Em clima tenso, Palmeiras elege presidente nesta quarta

A noite desta quarta-feira promete ser de tensão na Academia de Futebol, na escolha do novo presidente do Palmeiras, para os próximos dois anos. No ginásio localizado dentro do CT do clube, as urnas eletrônicas estão prontas para receber os votos dos cerca de 280 conselheiros. Do lado de fora, as torcidas organizadas palmeirenses prometem protesto. Por isso mesmo, a segurança estará reforçada.

DANIEL AKSTEIN BATISTA, Agência Estado

19 de janeiro de 2011 | 08h42

As reclamações das torcidas já começaram antes mesmo do pleito. E as faixas não serão apenas contra o time de futebol e a administração de Luiz Gonzaga Belluzzo, que não conquistou nenhum título desde que assumiu o cargo de presidente do clube há exatos dois anos. O pedido é por eleições diretas no clube.

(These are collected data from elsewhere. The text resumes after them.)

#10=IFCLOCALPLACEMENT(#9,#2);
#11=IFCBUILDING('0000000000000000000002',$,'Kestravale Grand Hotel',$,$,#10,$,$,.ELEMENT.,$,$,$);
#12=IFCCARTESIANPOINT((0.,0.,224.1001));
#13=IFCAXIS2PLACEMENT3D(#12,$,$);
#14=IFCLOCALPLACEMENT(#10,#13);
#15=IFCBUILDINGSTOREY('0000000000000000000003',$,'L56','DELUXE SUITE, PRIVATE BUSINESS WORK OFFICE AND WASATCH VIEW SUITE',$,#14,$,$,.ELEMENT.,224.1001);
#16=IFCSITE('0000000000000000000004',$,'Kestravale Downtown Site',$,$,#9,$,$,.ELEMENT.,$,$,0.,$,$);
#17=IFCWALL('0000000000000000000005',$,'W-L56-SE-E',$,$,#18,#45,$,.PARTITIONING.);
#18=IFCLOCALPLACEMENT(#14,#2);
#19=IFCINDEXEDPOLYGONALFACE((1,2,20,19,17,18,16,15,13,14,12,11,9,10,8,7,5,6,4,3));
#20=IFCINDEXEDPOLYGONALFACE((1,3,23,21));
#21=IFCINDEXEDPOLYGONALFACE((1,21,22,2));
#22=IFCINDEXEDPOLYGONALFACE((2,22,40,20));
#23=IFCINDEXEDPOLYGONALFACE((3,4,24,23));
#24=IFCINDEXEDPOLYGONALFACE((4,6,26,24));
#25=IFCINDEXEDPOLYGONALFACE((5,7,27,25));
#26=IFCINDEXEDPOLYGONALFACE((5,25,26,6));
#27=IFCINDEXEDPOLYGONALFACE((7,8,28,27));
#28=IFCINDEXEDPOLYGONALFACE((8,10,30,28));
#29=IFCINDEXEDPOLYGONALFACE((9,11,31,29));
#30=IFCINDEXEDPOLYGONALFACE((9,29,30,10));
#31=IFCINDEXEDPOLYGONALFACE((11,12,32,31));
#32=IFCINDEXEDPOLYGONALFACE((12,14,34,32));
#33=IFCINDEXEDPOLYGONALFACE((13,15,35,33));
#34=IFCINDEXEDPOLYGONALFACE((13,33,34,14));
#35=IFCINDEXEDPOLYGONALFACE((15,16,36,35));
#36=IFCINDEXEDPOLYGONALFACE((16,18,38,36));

Ao contrário de alguns clubes, como o Corinthians, são apenas os conselheiros que escolhem o presidente do Palmeiras. E a torcida palmeirense quer que os associados também possam dar o seu voto. A briga atual para assumir o comando está entre dois candidatos da situação, Salvador Hugo Palaia e Paulo Nobre, e um da oposição, Arnaldo Tirone Filho - este último é considerado o favorito.

Ao contrário do que aconteceu dois anos atrás, quando Belluzzo lançou-se candidato único pela situação, agora houve um racha. Palaia se considerava o substituto natural do atual presidente, mas viu Paulo Nobre entrar na luta pelos votos e disparou reclamações para todos os lados.

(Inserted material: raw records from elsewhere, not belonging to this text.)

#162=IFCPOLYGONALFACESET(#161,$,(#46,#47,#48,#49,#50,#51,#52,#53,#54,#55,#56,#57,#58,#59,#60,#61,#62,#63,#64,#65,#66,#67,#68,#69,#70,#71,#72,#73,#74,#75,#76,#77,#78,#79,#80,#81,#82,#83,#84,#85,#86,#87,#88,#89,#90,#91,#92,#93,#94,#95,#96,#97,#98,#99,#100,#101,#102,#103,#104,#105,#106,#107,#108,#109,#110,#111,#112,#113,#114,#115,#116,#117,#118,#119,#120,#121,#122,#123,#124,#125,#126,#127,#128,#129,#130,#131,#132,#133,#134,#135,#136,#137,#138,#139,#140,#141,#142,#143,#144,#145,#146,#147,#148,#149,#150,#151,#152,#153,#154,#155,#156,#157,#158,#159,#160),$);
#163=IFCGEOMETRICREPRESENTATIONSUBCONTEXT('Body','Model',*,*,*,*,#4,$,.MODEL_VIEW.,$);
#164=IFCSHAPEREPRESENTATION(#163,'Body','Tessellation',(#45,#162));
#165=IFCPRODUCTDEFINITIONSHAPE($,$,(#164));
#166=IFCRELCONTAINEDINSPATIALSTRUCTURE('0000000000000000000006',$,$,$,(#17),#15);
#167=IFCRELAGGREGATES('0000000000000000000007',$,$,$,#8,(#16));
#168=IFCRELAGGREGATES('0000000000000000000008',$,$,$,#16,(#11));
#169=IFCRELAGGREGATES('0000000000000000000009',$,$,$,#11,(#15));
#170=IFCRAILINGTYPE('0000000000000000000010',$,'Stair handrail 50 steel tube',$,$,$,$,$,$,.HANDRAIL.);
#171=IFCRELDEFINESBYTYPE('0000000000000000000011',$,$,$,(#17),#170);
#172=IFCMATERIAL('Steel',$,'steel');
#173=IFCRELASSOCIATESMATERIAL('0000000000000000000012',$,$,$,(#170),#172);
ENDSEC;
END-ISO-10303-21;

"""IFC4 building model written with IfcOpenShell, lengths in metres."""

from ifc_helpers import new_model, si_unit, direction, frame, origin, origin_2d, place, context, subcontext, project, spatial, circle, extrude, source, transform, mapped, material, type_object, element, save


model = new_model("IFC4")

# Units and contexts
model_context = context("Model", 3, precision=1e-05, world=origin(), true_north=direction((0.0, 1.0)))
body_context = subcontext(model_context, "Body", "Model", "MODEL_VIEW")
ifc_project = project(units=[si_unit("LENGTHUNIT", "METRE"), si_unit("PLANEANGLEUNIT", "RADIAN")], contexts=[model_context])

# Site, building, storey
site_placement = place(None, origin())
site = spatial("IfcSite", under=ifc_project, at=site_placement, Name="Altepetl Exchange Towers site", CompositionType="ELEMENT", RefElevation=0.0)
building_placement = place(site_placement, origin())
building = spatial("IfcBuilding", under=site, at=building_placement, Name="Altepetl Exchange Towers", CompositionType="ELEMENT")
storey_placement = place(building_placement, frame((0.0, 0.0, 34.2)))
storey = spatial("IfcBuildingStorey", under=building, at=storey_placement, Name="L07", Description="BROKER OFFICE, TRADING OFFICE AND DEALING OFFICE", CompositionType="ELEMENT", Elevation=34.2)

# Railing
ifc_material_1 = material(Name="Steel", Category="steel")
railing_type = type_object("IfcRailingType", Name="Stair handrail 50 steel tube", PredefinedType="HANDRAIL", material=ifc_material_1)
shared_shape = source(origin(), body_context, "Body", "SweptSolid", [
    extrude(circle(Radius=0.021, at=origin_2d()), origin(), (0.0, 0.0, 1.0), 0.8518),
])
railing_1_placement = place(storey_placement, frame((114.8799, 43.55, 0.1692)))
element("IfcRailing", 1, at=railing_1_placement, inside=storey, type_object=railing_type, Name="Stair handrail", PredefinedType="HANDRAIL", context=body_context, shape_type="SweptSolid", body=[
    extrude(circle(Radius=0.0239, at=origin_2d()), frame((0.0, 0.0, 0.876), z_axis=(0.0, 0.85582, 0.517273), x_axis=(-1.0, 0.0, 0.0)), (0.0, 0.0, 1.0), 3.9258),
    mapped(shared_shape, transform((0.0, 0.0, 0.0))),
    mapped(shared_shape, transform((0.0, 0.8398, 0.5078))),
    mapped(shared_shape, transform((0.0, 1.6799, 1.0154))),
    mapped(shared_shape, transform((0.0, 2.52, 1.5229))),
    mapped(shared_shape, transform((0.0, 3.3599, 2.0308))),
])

Belluzzo não entendeu a postura de Palaia e rebateu as críticas. "Não assumi compromisso com ninguém (de dar apoio nas eleições). Ele está delirando. Aliás, ele foi infeliz nas declarações a meu respeito. Exemplo deplorável da miséria humana. Não estou com raiva, mas estou com pena", afirmou o presidente, em entrevista nesta terça-feira à ESPN Brasil.

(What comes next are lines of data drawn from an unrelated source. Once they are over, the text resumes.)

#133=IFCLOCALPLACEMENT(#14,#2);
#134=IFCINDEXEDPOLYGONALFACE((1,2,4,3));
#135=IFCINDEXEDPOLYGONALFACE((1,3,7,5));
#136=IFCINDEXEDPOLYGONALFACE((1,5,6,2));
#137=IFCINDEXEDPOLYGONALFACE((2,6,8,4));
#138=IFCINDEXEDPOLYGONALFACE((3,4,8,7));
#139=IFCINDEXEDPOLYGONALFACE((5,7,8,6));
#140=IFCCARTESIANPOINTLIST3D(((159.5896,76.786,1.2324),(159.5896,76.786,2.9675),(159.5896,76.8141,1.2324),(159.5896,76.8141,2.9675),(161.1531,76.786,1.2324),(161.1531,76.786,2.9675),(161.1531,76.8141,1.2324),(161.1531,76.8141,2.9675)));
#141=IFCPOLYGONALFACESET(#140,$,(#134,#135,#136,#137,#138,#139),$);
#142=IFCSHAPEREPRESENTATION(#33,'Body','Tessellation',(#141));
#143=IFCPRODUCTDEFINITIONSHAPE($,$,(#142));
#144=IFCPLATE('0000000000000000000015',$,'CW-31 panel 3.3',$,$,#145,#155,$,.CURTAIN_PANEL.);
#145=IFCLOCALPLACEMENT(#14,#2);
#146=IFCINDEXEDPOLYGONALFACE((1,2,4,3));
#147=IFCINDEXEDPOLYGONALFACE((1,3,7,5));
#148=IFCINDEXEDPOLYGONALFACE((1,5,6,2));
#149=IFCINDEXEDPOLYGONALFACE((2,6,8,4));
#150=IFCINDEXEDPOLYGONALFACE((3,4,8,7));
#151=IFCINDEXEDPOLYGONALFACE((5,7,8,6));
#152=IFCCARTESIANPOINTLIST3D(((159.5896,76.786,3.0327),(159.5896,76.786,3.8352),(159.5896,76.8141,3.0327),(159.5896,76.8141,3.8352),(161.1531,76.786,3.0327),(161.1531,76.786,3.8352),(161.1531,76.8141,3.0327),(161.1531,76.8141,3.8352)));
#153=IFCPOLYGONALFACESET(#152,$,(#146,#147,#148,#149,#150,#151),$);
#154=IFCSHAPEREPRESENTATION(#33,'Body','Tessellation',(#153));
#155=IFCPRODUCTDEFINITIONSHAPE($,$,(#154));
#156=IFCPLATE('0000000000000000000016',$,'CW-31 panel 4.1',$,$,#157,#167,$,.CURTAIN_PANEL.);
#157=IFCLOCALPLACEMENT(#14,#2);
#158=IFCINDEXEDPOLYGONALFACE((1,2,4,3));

Apesar de todos os problemas políticos, os candidatos falam em paz. "O novo presidente tem de mostrar uma nova dinâmica e ter transparência", disse Tirone, que conta com o apoio dos ex-presidentes Mustafá Contursi, Affonso Della Monica e Carlos Facchina Nunes. "Ganhando ou não, vou trabalhar pela pacificação", prometeu Palaia, que criticou duramente Paulo Nobre pelo racha na situação. "O Palmeiras tem tantos problemas e eu tenho de imaginar como resolvê-los que não dá para ficar me preocupando com o que ele (Palaia) falou", respondeu Paulo Nobre.

Em comum, os três candidatos não escondem que é preciso dar um jeito na parte financeira do clube, para diminuir as dívidas - segundo Belluzzo, o Palmeiras tem atualmente R$ 90 milhões em dívidas bancárias. E, por enquanto, todos eles falam em manter a base do time, inclusive o técnico Luiz Felipe Scolari. Mas se ganhar, Tirone vai reformular a diretoria e pode promover mudanças no futebol, que poderia incluir até troca de treinador.